The effectiveness of independent governance committees has come under the spotlight in the Work & Pensions Committee’s hearing on pension costs and transparency inquiry, with the bodies blasted for lacking information.

Firms that operate workplace personal pension schemes must establish and maintain IGCs. They have a duty to scrutinise the value for money of the provider’s workplace personal pension schemes, taking into account transaction costs, raising concerns and making recommendations to the provider’s board as appropriate.

In groundbreaking research last year, campaign group ShareAction found that despite examples of innovation by some IGCs, “many IGC reports are vague and offer only unsubstantiated claims that savers’ interests are being protected. In a number of cases, IGC reports provide insufficient information to enable savers to understand the value for money they are getting”.

Some IGCs, however, still seem to be experiencing difficulties in providing proper protection for consumer interests

Rachel Haworth, ShareAction

In a report of proceedings published last week, Labour MP Steve McCabe challenged the Financial Conduct Authority on their role in overseeing the committees.

McCabe quoted the ShareAction report, asking: “How did you get to a stage where you gave them a clean bill of health when this was happening and you were aware of it? Do you accept the ShareAction report?”

Pritheeva Rasaratnam, head of pensions and funds policy at the FCA, replied: “You are absolutely right – there were varying standards of reporting. One of the things they [ShareAction] recommended we do was issue further guidance on value for money, to help IGCs. In fact, that is one of the priority actions coming out of our joint strategy with [the Pensions Regulator].

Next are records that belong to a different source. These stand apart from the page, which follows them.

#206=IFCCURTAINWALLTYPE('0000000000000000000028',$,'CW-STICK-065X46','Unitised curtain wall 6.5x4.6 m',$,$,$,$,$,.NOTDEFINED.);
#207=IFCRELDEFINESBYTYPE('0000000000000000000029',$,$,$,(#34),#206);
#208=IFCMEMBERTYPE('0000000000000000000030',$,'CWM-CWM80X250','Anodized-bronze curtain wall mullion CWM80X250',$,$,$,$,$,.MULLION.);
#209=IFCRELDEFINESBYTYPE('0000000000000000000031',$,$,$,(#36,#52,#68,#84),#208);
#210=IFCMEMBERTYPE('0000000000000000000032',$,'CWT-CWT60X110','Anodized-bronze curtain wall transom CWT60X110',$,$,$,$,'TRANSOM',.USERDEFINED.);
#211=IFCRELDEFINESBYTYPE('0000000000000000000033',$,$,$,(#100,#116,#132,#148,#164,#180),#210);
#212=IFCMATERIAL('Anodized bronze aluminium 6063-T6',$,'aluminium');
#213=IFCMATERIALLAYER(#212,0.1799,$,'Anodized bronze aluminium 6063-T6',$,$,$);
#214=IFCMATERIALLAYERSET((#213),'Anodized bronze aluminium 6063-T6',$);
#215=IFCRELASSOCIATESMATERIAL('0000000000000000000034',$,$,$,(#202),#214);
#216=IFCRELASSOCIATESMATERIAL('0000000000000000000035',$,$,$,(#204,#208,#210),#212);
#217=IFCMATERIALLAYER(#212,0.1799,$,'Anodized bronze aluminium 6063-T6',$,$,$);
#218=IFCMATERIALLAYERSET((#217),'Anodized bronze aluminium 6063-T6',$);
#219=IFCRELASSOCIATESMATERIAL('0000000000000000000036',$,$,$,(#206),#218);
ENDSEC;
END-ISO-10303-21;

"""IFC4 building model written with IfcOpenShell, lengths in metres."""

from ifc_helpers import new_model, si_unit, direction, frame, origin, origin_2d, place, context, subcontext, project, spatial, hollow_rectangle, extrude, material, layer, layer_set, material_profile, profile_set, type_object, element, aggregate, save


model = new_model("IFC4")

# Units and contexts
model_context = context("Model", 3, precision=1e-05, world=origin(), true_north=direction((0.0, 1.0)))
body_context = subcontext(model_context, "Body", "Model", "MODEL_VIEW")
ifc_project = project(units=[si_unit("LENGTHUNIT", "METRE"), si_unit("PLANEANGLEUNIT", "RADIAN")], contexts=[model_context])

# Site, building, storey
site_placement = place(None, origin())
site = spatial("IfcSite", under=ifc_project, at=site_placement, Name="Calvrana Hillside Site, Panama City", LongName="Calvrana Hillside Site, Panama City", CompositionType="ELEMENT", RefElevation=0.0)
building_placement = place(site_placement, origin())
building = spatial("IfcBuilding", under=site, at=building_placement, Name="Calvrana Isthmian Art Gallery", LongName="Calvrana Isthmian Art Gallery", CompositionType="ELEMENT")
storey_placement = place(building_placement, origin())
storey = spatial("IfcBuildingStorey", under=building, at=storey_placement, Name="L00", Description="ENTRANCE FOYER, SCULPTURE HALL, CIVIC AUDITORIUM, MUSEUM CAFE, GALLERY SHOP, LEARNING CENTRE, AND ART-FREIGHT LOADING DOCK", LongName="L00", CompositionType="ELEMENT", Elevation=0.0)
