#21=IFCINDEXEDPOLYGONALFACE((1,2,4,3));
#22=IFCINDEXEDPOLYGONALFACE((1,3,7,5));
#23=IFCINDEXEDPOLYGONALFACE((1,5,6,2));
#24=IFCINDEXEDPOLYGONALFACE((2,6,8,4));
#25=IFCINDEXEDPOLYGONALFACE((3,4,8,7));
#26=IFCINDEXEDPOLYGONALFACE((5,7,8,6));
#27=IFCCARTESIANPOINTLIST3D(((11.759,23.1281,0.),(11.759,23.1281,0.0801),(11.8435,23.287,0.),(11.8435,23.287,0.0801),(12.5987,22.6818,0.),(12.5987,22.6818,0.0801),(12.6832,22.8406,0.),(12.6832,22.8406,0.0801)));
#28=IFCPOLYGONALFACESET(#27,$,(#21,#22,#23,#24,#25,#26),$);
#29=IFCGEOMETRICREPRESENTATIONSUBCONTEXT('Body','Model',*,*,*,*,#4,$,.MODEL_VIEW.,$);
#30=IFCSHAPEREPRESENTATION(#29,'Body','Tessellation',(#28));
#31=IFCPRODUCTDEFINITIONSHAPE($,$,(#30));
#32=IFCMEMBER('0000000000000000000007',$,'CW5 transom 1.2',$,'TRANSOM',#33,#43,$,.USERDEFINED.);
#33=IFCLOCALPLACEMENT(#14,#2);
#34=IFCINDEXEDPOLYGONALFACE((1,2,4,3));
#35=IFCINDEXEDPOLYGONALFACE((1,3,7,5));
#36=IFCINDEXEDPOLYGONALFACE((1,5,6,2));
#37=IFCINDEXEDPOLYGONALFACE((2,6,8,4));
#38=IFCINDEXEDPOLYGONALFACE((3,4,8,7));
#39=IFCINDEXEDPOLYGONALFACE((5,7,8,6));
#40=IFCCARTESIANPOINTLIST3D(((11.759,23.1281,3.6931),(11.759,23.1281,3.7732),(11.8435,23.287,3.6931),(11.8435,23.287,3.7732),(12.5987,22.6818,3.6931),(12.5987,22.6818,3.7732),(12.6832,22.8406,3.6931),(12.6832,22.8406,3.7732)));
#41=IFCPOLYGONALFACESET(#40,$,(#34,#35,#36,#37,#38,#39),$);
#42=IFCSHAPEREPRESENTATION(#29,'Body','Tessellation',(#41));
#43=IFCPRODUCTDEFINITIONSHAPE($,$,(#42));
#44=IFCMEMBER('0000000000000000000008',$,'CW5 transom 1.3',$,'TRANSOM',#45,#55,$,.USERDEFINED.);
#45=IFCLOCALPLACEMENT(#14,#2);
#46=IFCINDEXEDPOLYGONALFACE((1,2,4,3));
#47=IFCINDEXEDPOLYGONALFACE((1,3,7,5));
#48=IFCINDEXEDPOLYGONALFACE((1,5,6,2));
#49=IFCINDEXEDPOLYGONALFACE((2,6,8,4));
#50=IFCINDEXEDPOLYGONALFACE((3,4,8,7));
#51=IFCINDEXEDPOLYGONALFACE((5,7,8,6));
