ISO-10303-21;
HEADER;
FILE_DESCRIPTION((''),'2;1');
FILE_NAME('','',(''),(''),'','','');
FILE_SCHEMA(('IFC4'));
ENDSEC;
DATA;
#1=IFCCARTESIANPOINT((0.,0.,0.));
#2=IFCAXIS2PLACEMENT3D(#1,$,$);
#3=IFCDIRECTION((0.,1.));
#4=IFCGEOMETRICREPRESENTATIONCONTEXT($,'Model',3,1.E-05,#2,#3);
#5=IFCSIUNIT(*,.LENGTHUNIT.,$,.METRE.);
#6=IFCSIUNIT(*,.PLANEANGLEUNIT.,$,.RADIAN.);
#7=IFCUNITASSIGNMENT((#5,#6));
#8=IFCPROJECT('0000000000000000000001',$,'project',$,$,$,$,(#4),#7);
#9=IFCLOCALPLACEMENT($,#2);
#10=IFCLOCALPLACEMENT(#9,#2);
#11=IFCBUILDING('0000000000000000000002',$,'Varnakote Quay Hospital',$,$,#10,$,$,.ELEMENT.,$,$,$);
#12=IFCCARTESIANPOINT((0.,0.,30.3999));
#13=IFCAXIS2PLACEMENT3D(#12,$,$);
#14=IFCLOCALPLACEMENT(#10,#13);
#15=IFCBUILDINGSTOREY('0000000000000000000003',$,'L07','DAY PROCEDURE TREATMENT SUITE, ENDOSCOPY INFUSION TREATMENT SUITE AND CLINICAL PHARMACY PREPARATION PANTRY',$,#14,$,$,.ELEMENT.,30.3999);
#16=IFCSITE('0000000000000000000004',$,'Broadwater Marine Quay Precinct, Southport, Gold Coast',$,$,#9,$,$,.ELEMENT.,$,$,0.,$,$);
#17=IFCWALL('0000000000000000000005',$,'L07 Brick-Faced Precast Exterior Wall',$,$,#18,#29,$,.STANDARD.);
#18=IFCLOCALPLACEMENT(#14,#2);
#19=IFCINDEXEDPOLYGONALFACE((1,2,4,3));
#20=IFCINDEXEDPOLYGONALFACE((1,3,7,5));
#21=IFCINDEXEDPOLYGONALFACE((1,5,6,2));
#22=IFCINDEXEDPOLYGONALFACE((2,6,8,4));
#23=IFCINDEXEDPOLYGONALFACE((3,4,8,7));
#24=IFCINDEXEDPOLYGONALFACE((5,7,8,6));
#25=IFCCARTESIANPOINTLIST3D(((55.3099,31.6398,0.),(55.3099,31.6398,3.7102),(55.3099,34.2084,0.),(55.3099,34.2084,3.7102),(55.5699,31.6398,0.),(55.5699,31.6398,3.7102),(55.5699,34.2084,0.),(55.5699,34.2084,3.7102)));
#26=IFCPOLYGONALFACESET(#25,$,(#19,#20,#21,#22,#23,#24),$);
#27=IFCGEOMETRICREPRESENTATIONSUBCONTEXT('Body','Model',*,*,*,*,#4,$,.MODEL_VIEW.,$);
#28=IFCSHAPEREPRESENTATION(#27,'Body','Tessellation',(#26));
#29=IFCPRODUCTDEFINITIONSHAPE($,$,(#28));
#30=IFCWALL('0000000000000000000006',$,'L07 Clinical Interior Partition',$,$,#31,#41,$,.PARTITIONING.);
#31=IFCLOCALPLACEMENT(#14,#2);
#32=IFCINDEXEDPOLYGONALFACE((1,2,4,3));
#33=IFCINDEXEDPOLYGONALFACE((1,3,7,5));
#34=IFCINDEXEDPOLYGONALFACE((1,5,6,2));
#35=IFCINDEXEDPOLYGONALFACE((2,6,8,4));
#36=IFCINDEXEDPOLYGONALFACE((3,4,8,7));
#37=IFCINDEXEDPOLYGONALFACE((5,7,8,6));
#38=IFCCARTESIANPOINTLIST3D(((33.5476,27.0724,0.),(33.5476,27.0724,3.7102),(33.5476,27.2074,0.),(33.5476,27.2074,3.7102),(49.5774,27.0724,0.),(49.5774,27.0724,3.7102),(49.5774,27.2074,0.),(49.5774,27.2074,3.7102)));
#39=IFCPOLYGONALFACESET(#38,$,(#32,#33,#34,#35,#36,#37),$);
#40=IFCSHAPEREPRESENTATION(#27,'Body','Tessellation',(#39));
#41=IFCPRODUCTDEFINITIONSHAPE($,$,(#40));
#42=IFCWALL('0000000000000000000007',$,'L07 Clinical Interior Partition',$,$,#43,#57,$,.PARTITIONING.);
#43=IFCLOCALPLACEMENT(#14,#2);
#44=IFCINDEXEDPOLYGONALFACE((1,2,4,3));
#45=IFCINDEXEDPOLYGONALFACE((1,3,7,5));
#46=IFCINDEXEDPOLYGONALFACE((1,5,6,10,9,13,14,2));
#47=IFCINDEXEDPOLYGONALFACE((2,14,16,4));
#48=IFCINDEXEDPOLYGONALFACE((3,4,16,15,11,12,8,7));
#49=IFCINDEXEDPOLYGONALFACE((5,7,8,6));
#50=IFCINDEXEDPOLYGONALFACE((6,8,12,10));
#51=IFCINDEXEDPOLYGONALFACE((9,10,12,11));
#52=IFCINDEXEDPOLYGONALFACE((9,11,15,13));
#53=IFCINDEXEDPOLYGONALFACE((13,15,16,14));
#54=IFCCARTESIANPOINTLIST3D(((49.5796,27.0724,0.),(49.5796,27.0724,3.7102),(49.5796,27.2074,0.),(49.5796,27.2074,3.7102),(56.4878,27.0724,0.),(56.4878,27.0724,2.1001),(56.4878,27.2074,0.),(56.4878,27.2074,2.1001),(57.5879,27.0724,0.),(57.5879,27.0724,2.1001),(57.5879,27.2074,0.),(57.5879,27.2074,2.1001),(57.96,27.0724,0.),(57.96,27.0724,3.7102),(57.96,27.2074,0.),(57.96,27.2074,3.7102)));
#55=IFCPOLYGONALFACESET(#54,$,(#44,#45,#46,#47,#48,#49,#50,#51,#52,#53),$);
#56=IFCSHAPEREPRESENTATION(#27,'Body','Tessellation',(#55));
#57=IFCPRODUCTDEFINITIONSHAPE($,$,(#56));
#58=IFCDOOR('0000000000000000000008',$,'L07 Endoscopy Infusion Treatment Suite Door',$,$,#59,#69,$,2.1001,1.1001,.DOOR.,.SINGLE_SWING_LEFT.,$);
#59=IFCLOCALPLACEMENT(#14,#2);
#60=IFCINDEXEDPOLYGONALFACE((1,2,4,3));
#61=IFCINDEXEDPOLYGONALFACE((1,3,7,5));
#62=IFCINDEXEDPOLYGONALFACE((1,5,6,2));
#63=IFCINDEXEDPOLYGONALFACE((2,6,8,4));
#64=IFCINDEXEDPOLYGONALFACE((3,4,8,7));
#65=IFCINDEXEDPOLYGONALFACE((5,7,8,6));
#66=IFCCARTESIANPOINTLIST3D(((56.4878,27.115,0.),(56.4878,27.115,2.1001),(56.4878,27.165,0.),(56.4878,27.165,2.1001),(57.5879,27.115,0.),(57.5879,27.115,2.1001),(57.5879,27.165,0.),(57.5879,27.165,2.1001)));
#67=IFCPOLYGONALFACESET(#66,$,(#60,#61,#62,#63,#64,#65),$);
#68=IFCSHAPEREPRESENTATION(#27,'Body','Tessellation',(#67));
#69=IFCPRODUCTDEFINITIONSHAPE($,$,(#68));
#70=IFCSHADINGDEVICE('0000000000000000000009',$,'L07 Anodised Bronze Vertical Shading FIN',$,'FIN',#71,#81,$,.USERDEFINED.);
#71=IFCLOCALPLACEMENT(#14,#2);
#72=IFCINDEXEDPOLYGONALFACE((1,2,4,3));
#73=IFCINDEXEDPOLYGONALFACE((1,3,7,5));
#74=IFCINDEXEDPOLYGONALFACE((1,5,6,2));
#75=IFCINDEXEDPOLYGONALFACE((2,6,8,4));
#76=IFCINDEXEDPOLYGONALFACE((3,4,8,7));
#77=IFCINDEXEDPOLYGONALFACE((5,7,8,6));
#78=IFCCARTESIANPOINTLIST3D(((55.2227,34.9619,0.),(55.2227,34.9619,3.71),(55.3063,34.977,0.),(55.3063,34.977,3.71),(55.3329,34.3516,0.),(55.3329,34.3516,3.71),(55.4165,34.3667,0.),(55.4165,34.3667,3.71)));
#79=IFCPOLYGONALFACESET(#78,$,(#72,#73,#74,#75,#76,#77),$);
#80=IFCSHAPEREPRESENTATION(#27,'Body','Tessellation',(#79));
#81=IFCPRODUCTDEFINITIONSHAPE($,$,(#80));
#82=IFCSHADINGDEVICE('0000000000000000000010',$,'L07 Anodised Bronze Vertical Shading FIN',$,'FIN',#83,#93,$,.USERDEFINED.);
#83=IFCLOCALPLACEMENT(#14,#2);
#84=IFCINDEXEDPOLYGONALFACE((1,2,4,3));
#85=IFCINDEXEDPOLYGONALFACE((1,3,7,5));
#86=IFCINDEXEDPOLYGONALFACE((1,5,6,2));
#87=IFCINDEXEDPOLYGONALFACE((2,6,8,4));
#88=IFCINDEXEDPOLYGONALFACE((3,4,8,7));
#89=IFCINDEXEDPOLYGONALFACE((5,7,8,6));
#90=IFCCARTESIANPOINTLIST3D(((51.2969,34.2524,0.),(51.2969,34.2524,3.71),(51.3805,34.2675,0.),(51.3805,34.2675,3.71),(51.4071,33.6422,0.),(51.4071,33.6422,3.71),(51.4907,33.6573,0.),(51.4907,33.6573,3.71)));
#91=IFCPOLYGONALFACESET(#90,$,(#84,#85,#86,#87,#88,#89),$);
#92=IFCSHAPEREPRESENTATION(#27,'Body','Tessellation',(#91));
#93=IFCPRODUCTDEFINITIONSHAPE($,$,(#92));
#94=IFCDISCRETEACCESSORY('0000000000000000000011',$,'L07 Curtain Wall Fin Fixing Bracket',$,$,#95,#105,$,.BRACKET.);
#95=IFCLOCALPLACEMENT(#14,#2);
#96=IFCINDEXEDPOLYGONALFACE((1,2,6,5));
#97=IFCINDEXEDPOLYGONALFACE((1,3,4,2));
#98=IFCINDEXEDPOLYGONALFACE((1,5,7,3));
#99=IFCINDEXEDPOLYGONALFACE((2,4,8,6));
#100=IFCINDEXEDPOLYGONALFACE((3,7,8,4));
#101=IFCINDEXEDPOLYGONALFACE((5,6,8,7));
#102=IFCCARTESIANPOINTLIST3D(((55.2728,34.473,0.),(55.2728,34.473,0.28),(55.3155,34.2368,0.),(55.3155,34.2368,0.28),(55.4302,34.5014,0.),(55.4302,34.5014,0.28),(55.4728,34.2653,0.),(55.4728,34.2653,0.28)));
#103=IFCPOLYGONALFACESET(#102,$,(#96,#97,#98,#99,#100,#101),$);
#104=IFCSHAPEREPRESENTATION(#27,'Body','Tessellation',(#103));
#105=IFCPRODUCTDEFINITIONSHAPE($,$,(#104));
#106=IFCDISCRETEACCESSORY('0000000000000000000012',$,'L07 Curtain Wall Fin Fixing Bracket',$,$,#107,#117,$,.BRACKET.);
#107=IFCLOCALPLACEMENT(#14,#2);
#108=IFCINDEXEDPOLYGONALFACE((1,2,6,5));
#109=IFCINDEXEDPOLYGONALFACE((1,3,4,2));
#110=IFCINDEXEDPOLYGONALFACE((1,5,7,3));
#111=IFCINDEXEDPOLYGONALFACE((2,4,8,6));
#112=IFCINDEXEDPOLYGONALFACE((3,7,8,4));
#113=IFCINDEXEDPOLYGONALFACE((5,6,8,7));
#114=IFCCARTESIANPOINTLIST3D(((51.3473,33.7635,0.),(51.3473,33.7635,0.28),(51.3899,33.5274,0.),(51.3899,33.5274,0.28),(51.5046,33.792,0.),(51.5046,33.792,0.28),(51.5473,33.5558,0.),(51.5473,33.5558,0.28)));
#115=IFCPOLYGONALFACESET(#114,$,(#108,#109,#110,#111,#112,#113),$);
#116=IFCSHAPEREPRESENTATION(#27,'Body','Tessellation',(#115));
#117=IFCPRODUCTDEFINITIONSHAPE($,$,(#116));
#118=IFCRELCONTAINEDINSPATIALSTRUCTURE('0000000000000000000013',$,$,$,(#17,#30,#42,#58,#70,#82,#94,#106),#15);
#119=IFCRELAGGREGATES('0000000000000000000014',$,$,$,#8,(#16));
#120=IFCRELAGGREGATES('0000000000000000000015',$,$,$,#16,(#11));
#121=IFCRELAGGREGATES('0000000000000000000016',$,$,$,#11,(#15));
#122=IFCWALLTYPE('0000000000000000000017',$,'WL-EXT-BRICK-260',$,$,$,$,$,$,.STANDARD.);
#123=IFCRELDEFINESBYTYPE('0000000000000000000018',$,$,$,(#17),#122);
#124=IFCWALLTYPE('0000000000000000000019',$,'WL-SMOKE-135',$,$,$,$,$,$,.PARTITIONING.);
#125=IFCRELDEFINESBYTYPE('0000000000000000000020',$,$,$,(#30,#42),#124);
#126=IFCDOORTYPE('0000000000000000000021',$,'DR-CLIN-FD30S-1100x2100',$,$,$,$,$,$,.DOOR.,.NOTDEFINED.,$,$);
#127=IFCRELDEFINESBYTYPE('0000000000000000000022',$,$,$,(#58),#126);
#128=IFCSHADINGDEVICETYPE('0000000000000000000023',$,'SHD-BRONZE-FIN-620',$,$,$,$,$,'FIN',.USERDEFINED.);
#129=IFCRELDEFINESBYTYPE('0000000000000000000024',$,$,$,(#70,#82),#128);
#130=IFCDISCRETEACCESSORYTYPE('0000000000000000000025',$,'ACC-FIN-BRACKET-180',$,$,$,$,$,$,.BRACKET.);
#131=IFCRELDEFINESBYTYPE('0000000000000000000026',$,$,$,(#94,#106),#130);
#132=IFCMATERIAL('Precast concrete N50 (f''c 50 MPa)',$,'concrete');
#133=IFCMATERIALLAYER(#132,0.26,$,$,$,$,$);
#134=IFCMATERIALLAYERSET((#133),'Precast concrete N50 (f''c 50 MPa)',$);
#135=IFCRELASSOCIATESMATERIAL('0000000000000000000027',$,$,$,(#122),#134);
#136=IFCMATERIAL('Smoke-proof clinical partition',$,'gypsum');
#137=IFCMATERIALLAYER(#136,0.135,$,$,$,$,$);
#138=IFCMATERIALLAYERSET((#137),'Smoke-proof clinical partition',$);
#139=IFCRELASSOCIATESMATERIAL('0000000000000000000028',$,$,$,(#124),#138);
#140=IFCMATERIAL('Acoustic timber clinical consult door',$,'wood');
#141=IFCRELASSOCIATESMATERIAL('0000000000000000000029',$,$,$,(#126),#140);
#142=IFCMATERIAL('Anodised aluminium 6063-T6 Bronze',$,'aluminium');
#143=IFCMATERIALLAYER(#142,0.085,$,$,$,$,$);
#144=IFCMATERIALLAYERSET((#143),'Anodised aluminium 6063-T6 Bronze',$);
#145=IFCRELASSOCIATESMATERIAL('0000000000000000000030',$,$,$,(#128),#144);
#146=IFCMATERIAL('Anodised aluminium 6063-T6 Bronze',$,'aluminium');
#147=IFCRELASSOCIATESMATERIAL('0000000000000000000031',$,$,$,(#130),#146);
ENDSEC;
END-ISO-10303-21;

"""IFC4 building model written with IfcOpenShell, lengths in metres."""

from ifc_helpers import new_model, si_unit, direction, frame, frame_2d, origin, origin_2d, place, context, subcontext, project, spatial, rectangle, extrude, material, layer, layer_set, type_object, element, fill, save


model = new_model("IFC4")

# Units and contexts
model_context = context("Model", 3, precision=1e-05, world=origin(), true_north=direction((0.0, 1.0)))
body_context = subcontext(model_context, "Body", "Model", "MODEL_VIEW")
ifc_project = project(units=[si_unit("LENGTHUNIT", "METRE"), si_unit("PLANEANGLEUNIT", "RADIAN")], contexts=[model_context])

# Site, building, storey
site_placement = place(None, origin())
site = spatial("IfcSite", under=ifc_project, at=site_placement, Name="Broadwater Marine Quay Precinct, Southport, Gold Coast", CompositionType="ELEMENT", RefElevation=0.0)
building_placement = place(site_placement, origin())
building = spatial("IfcBuilding", under=site, at=building_placement, Name="Varnakote Quay Hospital", CompositionType="ELEMENT")
storey_placement = place(building_placement, frame((0.0, 0.0, 30.3999)))
storey = spatial("IfcBuildingStorey", under=building, at=storey_placement, Name="L07", Description="DAY PROCEDURE TREATMENT SUITE, ENDOSCOPY INFUSION TREATMENT SUITE AND CLINICAL PHARMACY PREPARATION PANTRY", CompositionType="ELEMENT", Elevation=30.3999)

# Walls
ifc_material_1 = material(Name="Precast concrete N50 (f'c 50 MPa)", Category="concrete")
ifc_layer_1 = layer(ifc_material_1, 0.26)
ifc_layer_set_1 = layer_set([ifc_layer_1], Name="Precast concrete N50 (f'c 50 MPa)")
wall_type_1 = type_object("IfcWallType", Name="WL-EXT-BRICK-260", PredefinedType="STANDARD", material=ifc_layer_set_1)
wall_1_placement = place(storey_placement, frame((55.4399, 31.6399, 0.0), z_axis=(0.0, 0.0, 1.0), x_axis=(0.0, 1.0, 0.0)))
element("IfcWall", 1, at=wall_1_placement, inside=storey, type_object=wall_type_1, Name="L07 Brick-Faced Precast Exterior Wall", PredefinedType="STANDARD", context=body_context, shape_type="SweptSolid", body=[
    extrude(rectangle(XDim=2.5686, YDim=0.26, at=frame_2d((1.2842, 0.0))), origin(), (0.0, 0.0, 1.0), 3.7102),
])
ifc_material_2 = material(Name="Smoke-proof clinical partition", Category="gypsum")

“We are going to work with the Pensions Regulator to try to set out a bit more guidance about what value for money means and what we expect IGCs to do when they assess value for money.”

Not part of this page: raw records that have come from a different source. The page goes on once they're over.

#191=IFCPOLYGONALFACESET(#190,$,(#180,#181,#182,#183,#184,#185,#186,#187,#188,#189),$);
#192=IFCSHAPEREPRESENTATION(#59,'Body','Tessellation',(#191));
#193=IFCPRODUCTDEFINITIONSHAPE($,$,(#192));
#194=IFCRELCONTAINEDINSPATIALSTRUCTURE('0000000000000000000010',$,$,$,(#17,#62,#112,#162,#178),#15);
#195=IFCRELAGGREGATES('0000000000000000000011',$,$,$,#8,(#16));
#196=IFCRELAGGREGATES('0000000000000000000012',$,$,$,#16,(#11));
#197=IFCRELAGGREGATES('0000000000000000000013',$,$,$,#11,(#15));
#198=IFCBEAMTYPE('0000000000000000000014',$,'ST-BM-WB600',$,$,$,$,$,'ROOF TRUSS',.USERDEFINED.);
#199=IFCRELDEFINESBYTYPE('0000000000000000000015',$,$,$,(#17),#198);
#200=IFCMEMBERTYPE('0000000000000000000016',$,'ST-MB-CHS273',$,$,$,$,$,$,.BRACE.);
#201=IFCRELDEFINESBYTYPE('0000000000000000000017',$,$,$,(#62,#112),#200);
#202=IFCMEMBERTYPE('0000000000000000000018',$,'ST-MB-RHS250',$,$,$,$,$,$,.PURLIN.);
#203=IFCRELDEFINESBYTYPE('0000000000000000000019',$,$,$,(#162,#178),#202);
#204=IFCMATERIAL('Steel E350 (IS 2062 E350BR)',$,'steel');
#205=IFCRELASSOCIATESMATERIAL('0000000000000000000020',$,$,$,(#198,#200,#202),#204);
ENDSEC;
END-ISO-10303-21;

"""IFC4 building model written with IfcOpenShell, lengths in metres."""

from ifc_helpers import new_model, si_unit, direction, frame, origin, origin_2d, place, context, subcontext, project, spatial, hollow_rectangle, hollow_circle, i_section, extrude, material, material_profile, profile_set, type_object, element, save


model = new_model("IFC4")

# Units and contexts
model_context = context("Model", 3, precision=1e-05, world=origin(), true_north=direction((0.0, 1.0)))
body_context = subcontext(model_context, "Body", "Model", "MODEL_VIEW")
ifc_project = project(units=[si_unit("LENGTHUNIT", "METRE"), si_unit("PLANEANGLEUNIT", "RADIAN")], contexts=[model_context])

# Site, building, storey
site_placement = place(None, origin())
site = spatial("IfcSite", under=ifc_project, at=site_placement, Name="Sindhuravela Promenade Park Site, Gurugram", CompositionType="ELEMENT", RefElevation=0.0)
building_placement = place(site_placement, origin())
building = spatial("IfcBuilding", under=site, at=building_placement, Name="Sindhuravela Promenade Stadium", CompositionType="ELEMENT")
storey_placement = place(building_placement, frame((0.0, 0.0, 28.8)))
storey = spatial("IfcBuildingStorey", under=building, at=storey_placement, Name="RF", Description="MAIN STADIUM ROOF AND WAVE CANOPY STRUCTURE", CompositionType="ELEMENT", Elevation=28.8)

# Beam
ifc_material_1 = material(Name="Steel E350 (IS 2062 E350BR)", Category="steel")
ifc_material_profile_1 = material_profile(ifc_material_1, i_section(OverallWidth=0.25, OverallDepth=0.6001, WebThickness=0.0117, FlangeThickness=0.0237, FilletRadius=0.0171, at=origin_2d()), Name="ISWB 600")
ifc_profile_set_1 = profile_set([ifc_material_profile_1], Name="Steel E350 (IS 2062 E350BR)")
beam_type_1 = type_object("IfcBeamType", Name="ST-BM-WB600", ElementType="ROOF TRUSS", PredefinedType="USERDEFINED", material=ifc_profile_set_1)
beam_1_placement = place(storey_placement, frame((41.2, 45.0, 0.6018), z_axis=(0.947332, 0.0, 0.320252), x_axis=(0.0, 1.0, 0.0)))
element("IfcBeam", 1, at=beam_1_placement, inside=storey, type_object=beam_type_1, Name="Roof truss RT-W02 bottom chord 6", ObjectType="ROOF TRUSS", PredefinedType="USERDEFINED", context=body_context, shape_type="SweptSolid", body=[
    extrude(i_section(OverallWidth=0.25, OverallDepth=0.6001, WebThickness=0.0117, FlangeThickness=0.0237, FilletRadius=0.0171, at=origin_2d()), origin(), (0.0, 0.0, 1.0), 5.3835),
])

McCabe also asked if IGCs could “be more proactive and drive providers to take robust action earlier”, if the FCA had been successful in improving IGC quality, and whether the watchdog would issue guidance for them.

Christopher Woolard, executive director of strategy and competition at the FCA, responded: “We haven’t issued direct guidance to them, but we have had a number of conversations with IGCs.”

“They have had a meaningful impact in reducing the underlying cost of funds for many members. In that respect, there is a good job being done there,” he continued. “But the fact that we have got a review scheduled and the comments from ShareAction that we have discussed with them and, frankly, broadly accept, means this is an evolving picture.”

Commenting on the WPC inquiry, Rachel Haworth, UK policy manager at ShareAction, said: “It's great that, a year on from our investigation, we’re seeing MPs and the regulator taking the issue seriously.”

“We hope this will lead to improved outcomes for savers. Following our engagements with IGCs we’ve been pleased to see many useful changes being made. Some IGCs, however, still seem to be experiencing difficulties in providing proper protection for consumer interests. The FCA needs to provide further support and scrutiny to ensure savers get a good deal and it should consider how to do so as part of its forthcoming review of rules for IGCs.”

Chorus of criticism

Five out of 16 reports reviewed by ShareAction did not state how much savers are charged by their workplace pension provider. Seven out of 16 did not report data on how well savers’ investments were performing.

Henry Tapper, director of First Actuarial, has been an influential campaigner for more effective IGCs. On his blog, he has said: “People who are genuinely interested in transparency are not getting onto IGC boards. Instead IGCs are being packed with ‘trophy’ members who appeal to the vanity of the insurance boards, but who have neither the energy nor the motivation to genuinely shake the tree.

“IGCs have not yet established mechanisms to hear firsthand from either members or their employers. When it comes to the nuts and bolts of auto-enrolment and workplace pension saving, the IGCs therefore have to guess at the issues, or be guided by large employers – who have available resource to have individual meetings with the IGCs.

“In Britain today, we have more than 1m participating employers in auto-enrolment, but all but a handful are excluded from the IGCs’ knowledge and understanding.

Not all IGCs are poodles

One IGC that has proved its effectiveness is Virgin Money’s. Last year, its third report from Sir David Chapman for the Virgin Money Stakeholder said there was room for improvement on “costs, charges and benefits”.

“As pensions are a long-term investment, the impact of annual charges can be significant on the overall value of your fund. The provider’s 0.75 per cent AMC [annual management charge] for automatic enrolment and 1 per cent for others, while compliant, is high when compared with similar, passively managed schemes and this will have an impact on the value of policyholder funds,” he wrote.

Significantly, following Chapman’s report, in 2019 Virgin Money cut the fee on its UK tracker fund from 1 per cent to a still-high 0.6 per cent.